Morelia no ataca por el centro lo cual le facilita el trabajo. Eso sí, ya se animó a salir de su zona para presionar en las bandas aunque quizá le falta meter la pierna con mayor determinación para robar más balones. Perdió el duelo aéreo que terminó en el gol de monarcas.

Osvaldo Martínez

Osvaldo Martínez

BIEN

Ese disparo al minuto 19 no se le había visto en años. Lástima que el arquero Rodríguez se estiró lo suficiente para mandar a córner. Jugó algo más retrasado que lo normal pero es quien mantuvo el equilibrio del equipo.

Andrés Andrade

Andrés Andrade

BIEN

Que honor tan grande poder jugar con su ídolo. Sus primeras palabras como jugador de América fueron “quiero ser ídolo como Cuauhtémoc” y la vida le dio la oportunidad de jugar con él. Estuvo participativo por izquierda en donde buscó combinarse con de forma frecuente con Cuauhtémoc. No rehuyó a las labores defensivas e incluso pudo abrir el marcador dos minutos antes de que Darwin lo hiciera pero el disparo salió al centro.

Rubens Sambueza (78')

Rubens Sambueza (78')

MUY BIEN

Brutal. Filtra para Darwin y gol de Oribe. Luego vuelve a filtrar para Darwin y gol del colombiano. Un filtro mas para Paul y gol de Darwin.
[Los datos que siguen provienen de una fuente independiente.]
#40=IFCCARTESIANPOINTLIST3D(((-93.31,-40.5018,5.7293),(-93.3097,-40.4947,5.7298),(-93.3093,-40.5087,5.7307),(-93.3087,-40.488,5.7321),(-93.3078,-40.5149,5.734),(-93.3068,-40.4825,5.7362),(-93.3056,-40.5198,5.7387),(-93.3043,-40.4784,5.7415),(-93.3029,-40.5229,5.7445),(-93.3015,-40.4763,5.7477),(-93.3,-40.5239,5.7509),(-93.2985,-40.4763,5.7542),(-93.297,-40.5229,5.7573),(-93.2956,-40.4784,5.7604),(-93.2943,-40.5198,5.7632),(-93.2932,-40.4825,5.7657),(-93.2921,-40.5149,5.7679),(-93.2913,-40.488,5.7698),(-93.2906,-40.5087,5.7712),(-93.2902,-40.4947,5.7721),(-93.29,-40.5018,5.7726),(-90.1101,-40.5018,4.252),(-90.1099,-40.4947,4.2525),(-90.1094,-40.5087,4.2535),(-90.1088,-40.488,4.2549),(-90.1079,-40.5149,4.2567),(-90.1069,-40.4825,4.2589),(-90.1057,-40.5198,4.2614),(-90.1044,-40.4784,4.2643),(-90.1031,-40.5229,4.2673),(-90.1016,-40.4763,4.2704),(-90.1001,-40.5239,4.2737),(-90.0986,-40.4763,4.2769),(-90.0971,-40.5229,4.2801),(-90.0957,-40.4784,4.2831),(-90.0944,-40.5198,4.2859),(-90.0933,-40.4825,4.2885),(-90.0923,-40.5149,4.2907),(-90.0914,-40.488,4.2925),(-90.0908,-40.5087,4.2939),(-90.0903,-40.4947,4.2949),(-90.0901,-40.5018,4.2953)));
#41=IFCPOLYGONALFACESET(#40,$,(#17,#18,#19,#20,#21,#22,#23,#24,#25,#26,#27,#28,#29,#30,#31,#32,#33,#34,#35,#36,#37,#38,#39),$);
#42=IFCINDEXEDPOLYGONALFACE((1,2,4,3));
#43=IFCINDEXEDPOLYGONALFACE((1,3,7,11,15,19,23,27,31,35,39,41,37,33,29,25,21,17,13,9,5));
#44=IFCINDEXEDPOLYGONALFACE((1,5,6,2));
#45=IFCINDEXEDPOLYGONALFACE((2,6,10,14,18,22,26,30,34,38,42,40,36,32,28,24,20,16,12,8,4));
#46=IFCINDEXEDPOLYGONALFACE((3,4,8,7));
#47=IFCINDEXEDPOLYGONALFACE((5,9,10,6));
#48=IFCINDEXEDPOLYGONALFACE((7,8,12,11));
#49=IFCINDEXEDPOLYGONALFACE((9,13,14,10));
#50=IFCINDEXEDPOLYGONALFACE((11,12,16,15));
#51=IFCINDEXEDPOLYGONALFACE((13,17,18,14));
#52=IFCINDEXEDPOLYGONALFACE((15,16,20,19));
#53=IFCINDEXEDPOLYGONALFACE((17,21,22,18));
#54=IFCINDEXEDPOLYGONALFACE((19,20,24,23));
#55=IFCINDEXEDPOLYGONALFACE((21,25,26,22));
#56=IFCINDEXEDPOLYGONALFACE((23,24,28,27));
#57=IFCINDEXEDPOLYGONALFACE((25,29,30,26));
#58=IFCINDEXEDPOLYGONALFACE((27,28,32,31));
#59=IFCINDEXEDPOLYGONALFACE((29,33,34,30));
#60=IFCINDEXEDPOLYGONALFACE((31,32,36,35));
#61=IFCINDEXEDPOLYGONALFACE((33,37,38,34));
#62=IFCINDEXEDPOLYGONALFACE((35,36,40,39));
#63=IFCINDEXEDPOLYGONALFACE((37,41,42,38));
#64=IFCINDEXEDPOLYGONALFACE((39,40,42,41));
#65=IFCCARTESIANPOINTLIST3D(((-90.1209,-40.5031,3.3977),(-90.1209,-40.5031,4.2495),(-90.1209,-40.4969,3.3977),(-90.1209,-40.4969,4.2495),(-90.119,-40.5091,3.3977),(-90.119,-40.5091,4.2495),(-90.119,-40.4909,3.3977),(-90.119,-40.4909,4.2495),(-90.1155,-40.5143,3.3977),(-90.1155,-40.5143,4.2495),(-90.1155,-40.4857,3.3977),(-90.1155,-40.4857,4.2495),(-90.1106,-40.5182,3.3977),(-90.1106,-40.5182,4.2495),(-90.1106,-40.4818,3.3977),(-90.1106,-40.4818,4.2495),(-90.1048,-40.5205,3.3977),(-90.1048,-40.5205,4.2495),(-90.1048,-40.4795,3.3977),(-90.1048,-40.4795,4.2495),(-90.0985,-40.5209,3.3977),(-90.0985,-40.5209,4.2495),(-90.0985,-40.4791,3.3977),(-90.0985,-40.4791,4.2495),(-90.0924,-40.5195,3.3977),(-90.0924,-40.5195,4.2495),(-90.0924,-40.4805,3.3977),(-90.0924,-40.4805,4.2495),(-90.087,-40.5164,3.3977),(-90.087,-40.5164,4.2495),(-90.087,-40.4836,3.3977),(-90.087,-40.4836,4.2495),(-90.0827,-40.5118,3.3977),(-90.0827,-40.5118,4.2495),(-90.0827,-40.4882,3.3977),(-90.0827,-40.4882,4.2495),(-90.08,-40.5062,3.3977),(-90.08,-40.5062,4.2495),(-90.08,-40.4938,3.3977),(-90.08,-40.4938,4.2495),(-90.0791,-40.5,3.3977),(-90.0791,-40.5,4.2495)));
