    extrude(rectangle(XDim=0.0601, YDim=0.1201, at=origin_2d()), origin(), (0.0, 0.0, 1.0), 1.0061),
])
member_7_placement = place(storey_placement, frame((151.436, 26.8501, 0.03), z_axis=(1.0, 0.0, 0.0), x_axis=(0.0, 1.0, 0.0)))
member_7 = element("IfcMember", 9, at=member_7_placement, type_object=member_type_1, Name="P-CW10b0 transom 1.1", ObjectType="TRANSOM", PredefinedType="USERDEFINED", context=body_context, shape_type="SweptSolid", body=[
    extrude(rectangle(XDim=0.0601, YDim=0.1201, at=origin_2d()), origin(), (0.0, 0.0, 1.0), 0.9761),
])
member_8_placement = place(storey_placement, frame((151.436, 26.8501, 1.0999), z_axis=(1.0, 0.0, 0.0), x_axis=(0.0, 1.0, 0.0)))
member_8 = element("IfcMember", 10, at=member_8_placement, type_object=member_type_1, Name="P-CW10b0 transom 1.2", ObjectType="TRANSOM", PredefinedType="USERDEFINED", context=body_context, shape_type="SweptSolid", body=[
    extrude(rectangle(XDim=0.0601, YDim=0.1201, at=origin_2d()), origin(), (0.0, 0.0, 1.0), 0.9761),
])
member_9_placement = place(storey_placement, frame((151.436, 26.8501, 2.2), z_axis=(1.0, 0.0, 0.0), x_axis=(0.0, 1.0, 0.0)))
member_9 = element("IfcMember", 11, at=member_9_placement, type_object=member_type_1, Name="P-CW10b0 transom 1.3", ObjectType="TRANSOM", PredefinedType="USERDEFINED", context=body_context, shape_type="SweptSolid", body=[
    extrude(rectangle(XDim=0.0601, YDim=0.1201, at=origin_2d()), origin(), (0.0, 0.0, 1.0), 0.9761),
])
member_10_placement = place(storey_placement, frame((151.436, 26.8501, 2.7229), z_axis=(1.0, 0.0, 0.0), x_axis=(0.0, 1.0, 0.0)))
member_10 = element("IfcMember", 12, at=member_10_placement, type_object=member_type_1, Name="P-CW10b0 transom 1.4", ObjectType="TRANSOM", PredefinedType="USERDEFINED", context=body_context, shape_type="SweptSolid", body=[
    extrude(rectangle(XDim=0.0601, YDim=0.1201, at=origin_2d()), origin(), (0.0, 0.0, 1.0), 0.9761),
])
Ojalá que el recibir el gafete de capitán de las manos de Cuauh lo motive de una vez por todas a jugar fútbol y olvidarse de los reclamos y demás.

Oribe Peralta

Oribe Peralta

MUY BIEN

Generosidad total. Buscó que Cuauhtémoc hiciera su gol sí o sí. Casi siempre retenía hasta que Blanco estaba disponible para recibir. Y al final, un gran gesto el ir a reconocer la grandeza de Blanco. En cuanto a fútbol, de sus mejores partidos en el Azteca. Se le vio ágil, preciso y hasta rejuvenecido.

Cuauhtémoc Blanco (37')

Cuauhtémoc Blanco (37')

LEYENDA

Un líder absoluto. Para haber entrenado dos veces con el equipo se le vio mejor que varios que entrenan todos los días desde hace años. Hay cosas que nunca se pierden y la magia es una de ellas. A este solo hay que reconocerle, aplaudirle y recordarle por siempre que no habrá otro igual. Genio y figura hasta la sepultura.

SUSTITUCIONES

Darwin Quintero (37')

Darwin Quintero (37')

MUY BIEN

Este es el Darwin que se trajo de Santos. Dos goles, una asistencia y la esperanza de que ahora sí se mantenga como el jugador distinto que necesitamos de cara al gol.

Michael Arroyo (63')

Michael Arroyo (63')

BIEN

También se suma a la fiesta con la anotación de penal, luego bicicletas, más bicicletas y un obús que no entró porque la pelota es a veces caprichosa.

Brian Lozano (78')

Brian Lozano (78')

REGULAR

Es una apuesta para el futuro. Tiene fútbol pero pareciera que no termina de tomar el ritmo a los partidos.